That done, the next task as he sees it would be one he believes architects are uniquely positioned to address: the creation of some kind of structure above and around the reactors that will convey to future generations — possibly for 10,000 years — the danger of what lies within.

In this respect he points out that, "Whereas the original blue confetti-like pattern painted on the reactor buildings seems like a device to conceal danger, a shrine-like structure will do the opposite."

As to the choice of a shrine-like appearance — rather than, say, giant skulland crossbones graphics adorning the buildings — Miyamoto concedes that "not all Japanese would describe themselves as 'believers' in Shinto."
Nonetheless, he thinks "most would agree that when they visit a shrine they sense a kind of inexplicable power there. Shrines have been conveying that impression for many generations already, and they are likely to do so in the future, too."

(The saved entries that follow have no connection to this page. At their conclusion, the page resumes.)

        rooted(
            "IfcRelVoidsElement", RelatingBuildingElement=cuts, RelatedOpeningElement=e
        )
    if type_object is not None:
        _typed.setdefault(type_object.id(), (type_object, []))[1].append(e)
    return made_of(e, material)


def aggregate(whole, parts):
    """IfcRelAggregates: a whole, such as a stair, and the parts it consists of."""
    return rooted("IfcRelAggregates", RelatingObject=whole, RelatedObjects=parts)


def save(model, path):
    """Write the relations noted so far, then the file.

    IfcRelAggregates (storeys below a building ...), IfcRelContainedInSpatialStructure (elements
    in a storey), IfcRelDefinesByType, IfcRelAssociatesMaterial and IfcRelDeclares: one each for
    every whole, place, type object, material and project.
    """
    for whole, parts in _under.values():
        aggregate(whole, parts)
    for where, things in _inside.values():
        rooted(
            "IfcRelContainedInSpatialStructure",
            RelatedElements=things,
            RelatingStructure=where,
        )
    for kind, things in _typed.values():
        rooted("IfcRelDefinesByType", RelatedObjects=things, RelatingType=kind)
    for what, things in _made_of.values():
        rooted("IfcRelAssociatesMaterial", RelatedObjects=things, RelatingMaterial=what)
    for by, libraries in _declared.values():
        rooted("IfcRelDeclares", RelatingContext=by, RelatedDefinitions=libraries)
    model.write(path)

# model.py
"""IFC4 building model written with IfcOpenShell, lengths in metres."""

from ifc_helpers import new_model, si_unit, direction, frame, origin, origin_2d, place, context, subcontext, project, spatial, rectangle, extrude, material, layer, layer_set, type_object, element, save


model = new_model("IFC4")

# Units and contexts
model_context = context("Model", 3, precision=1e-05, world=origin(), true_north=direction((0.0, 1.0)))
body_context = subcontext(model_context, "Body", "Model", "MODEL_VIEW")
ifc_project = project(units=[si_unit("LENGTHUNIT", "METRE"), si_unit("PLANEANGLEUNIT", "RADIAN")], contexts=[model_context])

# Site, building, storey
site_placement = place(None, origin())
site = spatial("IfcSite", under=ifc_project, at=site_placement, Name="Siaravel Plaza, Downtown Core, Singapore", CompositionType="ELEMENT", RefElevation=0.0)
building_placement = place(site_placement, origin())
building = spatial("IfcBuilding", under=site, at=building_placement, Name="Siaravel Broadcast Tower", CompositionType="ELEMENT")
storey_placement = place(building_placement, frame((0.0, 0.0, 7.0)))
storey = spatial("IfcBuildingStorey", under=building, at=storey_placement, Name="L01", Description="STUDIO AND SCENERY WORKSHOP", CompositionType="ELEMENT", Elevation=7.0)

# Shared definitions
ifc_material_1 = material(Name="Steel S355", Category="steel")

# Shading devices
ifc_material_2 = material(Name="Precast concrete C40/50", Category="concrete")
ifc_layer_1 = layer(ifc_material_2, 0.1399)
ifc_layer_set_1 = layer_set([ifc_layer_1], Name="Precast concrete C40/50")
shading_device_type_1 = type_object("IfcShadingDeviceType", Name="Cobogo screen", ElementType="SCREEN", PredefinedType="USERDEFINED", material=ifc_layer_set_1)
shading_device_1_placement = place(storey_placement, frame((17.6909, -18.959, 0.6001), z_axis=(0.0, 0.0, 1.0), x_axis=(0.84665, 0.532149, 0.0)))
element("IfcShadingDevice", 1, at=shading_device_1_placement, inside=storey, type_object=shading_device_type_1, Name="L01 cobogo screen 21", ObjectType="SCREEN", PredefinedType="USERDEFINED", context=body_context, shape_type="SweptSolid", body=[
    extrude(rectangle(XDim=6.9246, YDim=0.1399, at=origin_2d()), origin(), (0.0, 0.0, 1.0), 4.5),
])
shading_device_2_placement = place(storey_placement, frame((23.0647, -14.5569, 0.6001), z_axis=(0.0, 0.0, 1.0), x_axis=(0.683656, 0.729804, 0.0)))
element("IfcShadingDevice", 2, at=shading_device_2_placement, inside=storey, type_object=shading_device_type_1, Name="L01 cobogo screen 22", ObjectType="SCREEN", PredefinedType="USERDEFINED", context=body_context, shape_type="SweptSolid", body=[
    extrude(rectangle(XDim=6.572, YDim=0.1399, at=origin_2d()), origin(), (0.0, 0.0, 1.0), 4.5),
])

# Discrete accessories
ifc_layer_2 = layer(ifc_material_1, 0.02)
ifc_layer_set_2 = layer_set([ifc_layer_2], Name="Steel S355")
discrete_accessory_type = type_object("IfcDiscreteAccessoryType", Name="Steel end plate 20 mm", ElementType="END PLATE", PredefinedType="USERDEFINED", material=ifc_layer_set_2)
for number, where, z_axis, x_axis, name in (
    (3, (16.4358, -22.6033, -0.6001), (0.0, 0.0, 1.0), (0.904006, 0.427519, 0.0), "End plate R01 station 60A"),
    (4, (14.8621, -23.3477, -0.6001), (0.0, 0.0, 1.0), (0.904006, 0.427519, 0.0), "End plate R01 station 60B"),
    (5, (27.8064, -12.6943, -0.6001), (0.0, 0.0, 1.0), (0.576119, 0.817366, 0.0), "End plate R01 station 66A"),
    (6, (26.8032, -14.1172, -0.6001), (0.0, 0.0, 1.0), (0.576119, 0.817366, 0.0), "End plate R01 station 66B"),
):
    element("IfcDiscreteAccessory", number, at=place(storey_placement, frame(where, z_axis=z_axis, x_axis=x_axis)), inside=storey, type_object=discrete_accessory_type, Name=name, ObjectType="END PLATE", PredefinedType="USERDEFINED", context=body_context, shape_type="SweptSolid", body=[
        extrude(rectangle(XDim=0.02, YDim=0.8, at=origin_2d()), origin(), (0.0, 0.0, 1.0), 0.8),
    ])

The architect notes that with thatched roofs topping each of the six reactor buildings at the Fukushima No. 1 plant, the site will come to resemble Uesugi Ancestral Hall in the city of Yonezawa, Yamagata Prefecture, where 12 small shrines laid out in a line commemorate 12 successive generations of the Uesugi clan's feudal lords, whose lives spanned more than 250 years from 1623-1876.

And like that ancestral hall, the architect believes the Fukushima No. 1 Nuclear Power Plant Shrine "will respectfully serve as an icon to enshrine the souls of the departed" — but unlike it, "it will also deter anyone from approaching."

However, the architect's vision for this lethally blighted site isn't to "shrineify" it and then seal the wrecked reactors with concrete, encircle the whole area with electrified razor-wire and then try to forget about its existence.

On the contrary, Miyamoto has deliberately chosen a form of preservation whose upkeep will be as labor-intensive in a millennium as it would be now to put in place, since all thatched roofs must be rethatched periodically. Because of this — and perhaps assisted by it being designated as a National Treasure — "the negative legacy of the site will never be forgotten," as he puts it.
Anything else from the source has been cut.